An anonymous reader writes "I'm leaving my current job for a new one. I've been at this job for 10+ years so I'm sure there is tons of personal stuff stored on my machine. Since I can't take it with me does any one have a suggestions of tools or practices to clean off all of that data. I've already got my personal documents and files. I'm most worried about CC, debit card numbers and web site passwords I've used in browsers. Does clearing the cache, cookies, temp files do a good enough job? BTW it's a Windows 7 system if that makes a difference."

2 of 547 comments (clear)

  1. 10 year old Win7 comp? Outstanding! by dAzED1 · · Score: 5, Interesting
    That's really impressive, actually...

    Easy. Start with not storing personal stuff on a work computer. Next step - assuming you're an admin on your box - create another admin account on the box. Log off your account, log in to that account, delete your profile off the box.

    Why would your CC info be on the box, anyway? Do you really type out your CC number into text files and leave them on your PC? Why?

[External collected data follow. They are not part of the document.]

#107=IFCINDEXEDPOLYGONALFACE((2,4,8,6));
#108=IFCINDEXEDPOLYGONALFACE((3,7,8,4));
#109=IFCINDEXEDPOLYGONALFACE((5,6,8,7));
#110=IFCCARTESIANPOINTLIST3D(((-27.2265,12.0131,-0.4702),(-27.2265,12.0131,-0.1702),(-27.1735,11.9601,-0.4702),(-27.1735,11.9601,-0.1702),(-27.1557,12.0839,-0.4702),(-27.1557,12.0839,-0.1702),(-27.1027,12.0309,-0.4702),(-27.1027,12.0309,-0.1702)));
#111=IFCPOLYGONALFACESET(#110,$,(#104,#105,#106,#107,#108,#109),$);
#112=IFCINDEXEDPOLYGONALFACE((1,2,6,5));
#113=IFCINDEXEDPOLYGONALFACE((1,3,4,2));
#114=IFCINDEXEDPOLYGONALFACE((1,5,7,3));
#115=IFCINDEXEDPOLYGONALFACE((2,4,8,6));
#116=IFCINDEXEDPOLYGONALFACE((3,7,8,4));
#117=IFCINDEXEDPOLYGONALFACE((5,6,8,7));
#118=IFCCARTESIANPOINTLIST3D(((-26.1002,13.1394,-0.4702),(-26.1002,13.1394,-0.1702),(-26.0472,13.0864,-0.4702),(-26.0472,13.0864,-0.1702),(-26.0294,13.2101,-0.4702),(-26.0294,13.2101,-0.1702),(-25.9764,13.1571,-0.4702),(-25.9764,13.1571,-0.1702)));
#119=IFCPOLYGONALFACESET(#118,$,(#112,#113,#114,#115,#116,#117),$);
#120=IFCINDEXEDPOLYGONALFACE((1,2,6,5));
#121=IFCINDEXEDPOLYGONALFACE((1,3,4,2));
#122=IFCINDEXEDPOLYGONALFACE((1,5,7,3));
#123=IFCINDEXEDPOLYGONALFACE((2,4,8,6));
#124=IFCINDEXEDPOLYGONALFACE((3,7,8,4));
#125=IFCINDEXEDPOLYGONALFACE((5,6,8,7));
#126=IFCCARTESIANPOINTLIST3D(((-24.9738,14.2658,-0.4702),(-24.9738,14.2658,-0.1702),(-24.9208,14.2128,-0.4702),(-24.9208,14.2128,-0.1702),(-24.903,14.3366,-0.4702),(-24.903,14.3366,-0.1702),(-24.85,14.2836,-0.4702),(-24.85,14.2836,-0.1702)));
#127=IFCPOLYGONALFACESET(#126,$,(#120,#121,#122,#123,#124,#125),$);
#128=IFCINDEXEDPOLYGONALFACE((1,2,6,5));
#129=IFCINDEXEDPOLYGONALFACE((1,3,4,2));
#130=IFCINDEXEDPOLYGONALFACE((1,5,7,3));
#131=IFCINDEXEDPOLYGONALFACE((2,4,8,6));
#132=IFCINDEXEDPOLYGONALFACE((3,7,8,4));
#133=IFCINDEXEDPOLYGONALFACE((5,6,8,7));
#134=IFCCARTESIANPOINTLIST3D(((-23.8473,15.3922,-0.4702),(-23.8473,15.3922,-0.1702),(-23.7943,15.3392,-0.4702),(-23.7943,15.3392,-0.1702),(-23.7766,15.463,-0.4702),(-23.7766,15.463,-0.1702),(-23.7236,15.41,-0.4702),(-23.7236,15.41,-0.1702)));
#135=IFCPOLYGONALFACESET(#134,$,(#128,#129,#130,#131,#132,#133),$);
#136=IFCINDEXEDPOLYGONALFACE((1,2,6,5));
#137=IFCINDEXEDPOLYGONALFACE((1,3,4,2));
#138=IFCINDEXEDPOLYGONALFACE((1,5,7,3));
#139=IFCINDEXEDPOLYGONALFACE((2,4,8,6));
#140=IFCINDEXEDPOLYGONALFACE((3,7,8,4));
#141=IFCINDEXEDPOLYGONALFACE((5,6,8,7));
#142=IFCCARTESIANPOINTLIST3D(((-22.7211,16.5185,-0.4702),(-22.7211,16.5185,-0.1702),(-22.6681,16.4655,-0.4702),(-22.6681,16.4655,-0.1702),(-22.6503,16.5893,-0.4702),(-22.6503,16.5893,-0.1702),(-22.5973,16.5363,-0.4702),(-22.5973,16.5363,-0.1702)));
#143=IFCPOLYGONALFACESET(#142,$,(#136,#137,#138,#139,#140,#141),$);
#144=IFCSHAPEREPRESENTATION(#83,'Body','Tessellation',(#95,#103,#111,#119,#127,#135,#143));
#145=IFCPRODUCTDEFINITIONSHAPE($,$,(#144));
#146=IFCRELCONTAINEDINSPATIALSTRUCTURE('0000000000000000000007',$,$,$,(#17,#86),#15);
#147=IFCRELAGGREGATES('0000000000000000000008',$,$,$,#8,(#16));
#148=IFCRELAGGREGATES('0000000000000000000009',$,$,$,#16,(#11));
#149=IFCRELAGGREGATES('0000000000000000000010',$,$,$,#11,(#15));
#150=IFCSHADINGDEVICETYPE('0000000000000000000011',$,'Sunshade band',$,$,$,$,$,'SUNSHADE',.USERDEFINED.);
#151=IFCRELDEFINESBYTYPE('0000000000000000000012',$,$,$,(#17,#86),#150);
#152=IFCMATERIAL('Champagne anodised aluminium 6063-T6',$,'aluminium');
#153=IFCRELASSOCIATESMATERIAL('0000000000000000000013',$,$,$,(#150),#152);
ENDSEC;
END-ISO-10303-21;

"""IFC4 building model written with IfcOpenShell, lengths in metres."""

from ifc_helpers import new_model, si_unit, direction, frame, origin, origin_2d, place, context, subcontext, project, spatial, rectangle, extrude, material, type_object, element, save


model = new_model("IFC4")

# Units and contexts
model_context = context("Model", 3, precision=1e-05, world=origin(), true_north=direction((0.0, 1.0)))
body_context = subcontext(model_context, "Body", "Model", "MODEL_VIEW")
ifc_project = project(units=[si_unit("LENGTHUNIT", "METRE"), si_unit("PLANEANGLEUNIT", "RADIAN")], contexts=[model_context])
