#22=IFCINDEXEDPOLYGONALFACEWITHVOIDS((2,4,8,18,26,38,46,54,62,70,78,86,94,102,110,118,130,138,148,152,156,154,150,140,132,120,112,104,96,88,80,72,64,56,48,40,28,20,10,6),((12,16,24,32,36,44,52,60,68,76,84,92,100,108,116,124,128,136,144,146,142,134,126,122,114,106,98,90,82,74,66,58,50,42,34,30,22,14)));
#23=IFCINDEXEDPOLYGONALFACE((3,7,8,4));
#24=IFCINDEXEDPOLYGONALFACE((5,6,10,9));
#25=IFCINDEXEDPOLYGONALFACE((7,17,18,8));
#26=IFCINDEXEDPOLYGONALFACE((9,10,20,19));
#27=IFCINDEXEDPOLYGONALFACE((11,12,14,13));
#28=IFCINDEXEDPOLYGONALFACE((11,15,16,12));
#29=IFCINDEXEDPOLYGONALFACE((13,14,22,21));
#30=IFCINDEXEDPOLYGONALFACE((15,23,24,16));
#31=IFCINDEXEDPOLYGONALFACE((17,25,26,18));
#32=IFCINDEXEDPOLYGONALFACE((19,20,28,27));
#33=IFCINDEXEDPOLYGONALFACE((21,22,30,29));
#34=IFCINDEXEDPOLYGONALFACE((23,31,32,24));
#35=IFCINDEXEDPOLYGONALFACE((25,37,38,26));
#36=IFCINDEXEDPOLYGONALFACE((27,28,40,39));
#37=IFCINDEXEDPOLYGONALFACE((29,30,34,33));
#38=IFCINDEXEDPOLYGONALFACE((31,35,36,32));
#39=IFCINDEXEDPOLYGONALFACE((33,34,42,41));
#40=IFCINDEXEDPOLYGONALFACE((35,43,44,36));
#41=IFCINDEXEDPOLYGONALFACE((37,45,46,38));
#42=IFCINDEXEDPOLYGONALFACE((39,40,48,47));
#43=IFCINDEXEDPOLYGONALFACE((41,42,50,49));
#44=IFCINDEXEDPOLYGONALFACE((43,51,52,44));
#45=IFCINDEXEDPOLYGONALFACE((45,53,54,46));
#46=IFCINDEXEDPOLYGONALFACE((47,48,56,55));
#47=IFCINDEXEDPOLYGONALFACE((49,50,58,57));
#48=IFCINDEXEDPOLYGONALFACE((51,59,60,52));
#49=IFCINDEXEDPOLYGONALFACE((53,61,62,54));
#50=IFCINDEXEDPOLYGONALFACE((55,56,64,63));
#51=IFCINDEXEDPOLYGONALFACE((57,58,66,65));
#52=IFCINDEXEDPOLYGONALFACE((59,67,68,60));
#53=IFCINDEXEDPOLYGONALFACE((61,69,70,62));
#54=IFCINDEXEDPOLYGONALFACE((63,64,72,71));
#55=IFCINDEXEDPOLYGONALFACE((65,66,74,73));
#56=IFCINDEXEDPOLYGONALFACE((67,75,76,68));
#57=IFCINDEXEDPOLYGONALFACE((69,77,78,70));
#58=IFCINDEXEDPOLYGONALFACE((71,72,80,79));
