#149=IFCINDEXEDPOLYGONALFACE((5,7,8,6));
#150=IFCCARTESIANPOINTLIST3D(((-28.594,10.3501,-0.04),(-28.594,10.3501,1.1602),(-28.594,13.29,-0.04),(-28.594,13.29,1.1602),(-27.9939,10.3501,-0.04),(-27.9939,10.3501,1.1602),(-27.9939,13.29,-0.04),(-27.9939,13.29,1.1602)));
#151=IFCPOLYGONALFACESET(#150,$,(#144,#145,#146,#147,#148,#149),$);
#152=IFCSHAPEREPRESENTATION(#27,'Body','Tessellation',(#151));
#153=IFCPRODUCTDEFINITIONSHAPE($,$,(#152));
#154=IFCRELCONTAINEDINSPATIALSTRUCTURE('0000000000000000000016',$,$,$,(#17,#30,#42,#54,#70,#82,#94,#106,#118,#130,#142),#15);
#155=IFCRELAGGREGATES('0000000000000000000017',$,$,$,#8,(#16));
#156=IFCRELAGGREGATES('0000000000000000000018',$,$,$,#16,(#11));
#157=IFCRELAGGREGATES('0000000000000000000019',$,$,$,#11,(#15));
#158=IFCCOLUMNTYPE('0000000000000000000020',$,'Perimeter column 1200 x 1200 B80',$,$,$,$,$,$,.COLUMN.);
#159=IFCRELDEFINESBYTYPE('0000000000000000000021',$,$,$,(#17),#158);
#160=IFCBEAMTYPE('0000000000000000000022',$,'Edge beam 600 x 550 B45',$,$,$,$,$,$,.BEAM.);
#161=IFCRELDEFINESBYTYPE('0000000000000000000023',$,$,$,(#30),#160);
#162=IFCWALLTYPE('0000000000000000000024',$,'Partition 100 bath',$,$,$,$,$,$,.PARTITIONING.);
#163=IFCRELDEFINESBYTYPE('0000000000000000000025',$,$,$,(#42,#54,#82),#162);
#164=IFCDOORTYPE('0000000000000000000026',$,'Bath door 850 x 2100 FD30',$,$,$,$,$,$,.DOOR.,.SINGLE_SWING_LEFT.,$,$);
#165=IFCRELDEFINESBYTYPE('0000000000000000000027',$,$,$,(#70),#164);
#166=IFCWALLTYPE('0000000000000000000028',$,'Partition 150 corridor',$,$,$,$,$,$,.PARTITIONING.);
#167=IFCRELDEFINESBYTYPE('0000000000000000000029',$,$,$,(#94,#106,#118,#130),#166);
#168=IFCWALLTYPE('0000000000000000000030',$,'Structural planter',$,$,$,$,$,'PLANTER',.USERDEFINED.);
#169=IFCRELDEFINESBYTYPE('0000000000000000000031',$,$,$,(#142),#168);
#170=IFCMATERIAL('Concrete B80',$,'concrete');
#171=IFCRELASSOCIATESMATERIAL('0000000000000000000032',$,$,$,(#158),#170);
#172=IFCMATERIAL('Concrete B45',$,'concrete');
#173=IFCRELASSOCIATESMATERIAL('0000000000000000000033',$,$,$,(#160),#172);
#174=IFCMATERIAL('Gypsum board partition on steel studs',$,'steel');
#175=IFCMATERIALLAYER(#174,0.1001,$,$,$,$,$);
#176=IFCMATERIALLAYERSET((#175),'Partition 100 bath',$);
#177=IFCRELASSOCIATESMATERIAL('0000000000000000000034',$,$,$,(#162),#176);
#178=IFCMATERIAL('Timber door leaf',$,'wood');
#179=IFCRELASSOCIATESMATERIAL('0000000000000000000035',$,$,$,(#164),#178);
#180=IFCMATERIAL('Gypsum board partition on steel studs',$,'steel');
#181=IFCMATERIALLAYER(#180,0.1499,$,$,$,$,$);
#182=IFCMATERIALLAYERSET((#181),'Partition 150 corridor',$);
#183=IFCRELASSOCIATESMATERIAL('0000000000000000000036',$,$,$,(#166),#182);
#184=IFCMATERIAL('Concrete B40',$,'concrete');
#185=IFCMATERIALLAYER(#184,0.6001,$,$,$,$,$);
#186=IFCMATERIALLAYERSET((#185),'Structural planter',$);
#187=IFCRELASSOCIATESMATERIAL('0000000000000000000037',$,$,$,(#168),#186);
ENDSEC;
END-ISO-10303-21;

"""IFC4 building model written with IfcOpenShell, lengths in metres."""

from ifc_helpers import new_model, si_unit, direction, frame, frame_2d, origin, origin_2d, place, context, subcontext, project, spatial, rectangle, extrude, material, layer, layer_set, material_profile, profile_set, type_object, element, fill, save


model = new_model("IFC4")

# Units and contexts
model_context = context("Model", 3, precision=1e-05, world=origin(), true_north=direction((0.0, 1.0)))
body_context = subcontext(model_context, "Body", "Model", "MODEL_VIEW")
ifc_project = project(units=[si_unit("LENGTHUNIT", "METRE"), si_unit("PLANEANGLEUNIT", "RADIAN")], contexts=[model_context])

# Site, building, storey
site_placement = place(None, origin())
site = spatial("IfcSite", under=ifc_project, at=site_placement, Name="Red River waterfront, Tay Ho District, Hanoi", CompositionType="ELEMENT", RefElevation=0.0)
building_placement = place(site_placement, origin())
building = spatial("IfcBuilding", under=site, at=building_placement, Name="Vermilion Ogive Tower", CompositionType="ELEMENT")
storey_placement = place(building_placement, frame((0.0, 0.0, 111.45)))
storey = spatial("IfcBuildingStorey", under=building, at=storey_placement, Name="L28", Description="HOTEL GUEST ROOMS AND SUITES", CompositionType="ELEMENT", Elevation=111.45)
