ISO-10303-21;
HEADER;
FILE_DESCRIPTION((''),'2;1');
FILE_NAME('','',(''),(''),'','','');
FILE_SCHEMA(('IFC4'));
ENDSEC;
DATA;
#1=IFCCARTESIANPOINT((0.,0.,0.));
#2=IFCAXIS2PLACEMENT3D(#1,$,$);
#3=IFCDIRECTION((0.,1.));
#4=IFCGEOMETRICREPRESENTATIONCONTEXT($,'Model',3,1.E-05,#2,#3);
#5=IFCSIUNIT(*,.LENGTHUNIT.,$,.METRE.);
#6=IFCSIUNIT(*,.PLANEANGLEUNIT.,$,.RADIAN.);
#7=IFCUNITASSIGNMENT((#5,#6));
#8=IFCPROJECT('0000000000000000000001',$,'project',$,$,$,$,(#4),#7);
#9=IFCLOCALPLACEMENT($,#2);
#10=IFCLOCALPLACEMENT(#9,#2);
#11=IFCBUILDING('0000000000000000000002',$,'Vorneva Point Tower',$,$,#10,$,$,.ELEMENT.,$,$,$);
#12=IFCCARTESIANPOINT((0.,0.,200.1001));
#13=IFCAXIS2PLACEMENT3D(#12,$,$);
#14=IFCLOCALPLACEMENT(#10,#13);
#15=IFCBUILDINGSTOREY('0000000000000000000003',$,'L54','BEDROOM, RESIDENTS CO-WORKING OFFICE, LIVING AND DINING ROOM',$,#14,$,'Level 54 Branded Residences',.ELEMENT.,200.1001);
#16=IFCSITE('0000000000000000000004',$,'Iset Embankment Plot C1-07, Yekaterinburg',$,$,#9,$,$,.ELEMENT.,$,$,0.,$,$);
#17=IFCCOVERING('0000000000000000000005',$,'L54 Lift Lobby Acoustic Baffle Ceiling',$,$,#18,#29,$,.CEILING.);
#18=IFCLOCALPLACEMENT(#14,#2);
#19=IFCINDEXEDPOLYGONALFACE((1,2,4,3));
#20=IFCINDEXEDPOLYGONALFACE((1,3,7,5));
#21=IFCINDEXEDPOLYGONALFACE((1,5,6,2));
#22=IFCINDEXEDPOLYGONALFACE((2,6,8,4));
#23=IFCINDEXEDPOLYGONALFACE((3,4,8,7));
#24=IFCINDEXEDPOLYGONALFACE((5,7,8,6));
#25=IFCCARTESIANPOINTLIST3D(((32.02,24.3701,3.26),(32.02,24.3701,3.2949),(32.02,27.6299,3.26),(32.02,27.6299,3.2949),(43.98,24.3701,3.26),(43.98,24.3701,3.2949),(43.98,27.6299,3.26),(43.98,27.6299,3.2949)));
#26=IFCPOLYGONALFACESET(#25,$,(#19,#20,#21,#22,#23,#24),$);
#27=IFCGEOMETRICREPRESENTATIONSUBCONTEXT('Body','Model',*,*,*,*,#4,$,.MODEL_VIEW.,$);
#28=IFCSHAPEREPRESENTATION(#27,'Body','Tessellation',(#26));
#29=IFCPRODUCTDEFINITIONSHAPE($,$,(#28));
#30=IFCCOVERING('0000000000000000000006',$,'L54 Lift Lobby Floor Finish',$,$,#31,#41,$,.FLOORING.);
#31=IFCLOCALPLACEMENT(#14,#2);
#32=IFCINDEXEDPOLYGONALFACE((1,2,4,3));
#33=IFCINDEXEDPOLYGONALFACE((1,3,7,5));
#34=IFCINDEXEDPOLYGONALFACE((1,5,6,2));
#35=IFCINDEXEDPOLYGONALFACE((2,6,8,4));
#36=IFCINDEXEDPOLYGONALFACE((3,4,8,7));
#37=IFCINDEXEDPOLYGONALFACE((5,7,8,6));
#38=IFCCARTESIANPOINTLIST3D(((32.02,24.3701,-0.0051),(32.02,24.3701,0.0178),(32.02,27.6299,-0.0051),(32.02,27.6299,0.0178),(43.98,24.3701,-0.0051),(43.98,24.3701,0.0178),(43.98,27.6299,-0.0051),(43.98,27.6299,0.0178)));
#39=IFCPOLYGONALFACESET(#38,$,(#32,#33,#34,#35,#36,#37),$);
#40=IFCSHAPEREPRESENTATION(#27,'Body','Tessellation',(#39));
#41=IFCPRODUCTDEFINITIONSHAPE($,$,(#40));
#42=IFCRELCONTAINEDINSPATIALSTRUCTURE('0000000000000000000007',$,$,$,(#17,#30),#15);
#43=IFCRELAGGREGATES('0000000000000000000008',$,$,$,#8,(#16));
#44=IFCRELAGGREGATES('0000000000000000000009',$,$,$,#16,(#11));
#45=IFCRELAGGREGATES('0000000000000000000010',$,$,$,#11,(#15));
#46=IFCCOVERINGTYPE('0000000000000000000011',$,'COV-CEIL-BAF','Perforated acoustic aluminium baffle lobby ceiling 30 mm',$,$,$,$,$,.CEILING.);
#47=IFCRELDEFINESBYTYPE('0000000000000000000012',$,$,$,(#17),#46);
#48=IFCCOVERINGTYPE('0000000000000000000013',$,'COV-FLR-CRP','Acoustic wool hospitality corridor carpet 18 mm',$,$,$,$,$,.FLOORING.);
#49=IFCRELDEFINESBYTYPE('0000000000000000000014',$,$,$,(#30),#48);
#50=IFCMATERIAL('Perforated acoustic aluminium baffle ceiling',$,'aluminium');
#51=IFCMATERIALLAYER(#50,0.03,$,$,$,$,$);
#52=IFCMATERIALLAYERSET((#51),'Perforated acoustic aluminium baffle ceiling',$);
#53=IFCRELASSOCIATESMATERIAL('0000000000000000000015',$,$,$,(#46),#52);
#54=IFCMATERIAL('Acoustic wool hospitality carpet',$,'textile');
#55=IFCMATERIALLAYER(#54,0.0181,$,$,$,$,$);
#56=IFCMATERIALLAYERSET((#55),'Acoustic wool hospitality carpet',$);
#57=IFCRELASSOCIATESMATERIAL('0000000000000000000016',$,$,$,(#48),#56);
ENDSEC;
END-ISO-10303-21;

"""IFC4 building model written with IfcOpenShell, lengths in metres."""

from ifc_helpers import new_model, si_unit, direction, frame, origin, place, context, subcontext, project, spatial, polyline, outline, extrude, material, layer, layer_set, type_object, element, save


model = new_model("IFC4")

# Units and contexts
model_context = context("Model", 3, precision=1e-05, world=origin(), true_north=direction((0.0, 1.0)))
body_context = subcontext(model_context, "Body", "Model", "MODEL_VIEW")
ifc_project = project(units=[si_unit("LENGTHUNIT", "METRE"), si_unit("PLANEANGLEUNIT", "RADIAN")], contexts=[model_context])

# Site, building, storey
site_placement = place(None, origin())
site = spatial("IfcSite", under=ifc_project, at=site_placement, Name="Iset Embankment Plot C1-07, Yekaterinburg", CompositionType="ELEMENT", RefElevation=0.0)
building_placement = place(site_placement, origin())
building = spatial("IfcBuilding", under=site, at=building_placement, Name="Vorneva Point Tower", CompositionType="ELEMENT")
storey_placement = place(building_placement, frame((0.0, 0.0, 200.1001)))
storey = spatial("IfcBuildingStorey", under=building, at=storey_placement, Name="L54", Description="BEDROOM, RESIDENTS CO-WORKING OFFICE, LIVING AND DINING ROOM", LongName="Level 54 Branded Residences", CompositionType="ELEMENT", Elevation=200.1001)

# Coverings
ifc_material_1 = material(Name="Perforated acoustic aluminium baffle ceiling", Category="aluminium")
ifc_layer_1 = layer(ifc_material_1, 0.03)
ifc_layer_set_1 = layer_set([ifc_layer_1], Name="Perforated acoustic aluminium baffle ceiling")
covering_type_1 = type_object("IfcCoveringType", Name="COV-CEIL-BAF", Description="Perforated acoustic aluminium baffle lobby ceiling 30 mm", PredefinedType="CEILING", material=ifc_layer_set_1)
covering_1_placement = place(storey_placement, frame((0.0, 0.0, 3.26)))
element("IfcCovering", 1, at=covering_1_placement, inside=storey, type_object=covering_type_1, Name="L54 Lift Lobby Acoustic Baffle Ceiling", PredefinedType="CEILING", context=body_context, shape_type="SweptSolid", body=[
    extrude(outline(polyline([(32.02, 24.3701), (43.98, 24.3701), (43.98, 27.6299), (32.02, 27.6299), (32.02, 24.3701)])), origin(), (0.0, 0.0, 1.0), 0.0349),
])
ifc_material_2 = material(Name="Acoustic wool hospitality carpet", Category="textile")
ifc_layer_2 = layer(ifc_material_2, 0.0181)
ifc_layer_set_2 = layer_set([ifc_layer_2], Name="Acoustic wool hospitality carpet")
covering_type_2 = type_object("IfcCoveringType", Name="COV-FLR-CRP", Description="Acoustic wool hospitality corridor carpet 18 mm", PredefinedType="FLOORING", material=ifc_layer_set_2)
covering_2_placement = place(storey_placement, frame((0.0, 0.0, -0.0051)))
element("IfcCovering", 2, at=covering_2_placement, inside=storey, type_object=covering_type_2, Name="L54 Lift Lobby Floor Finish", PredefinedType="FLOORING", context=body_context, shape_type="SweptSolid", body=[
    extrude(outline(polyline([(32.02, 24.3701), (43.98, 24.3701), (43.98, 27.6299), (32.02, 27.6299), (32.02, 24.3701)])), origin(), (0.0, 0.0, 1.0), 0.0229),
])

save(model, "model.ifc")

  2. Re:Nuke it from orbit by icebike · · Score: 5, Interesting

    Forensics has never recovered more than a few random bytes, not so much as a single sentence in real world tests of single pass over-writes.
    Even using electron microscopes and the whole nine yards. The more you research this issue the more you realize all (yes ALL) the stories are based on contrived situations where they researchers knew EXACTLY what was written previously, EXACTLY where, and EXACTLY what it was over written with.

    Even three letter agencies don't even bother trying on disks they know have been overwritten. Nobody has demonstrated it in the real world on ANY hard drive, let alone a recent one.

    --
    Sig Battery depleted. Reverting to safe mode.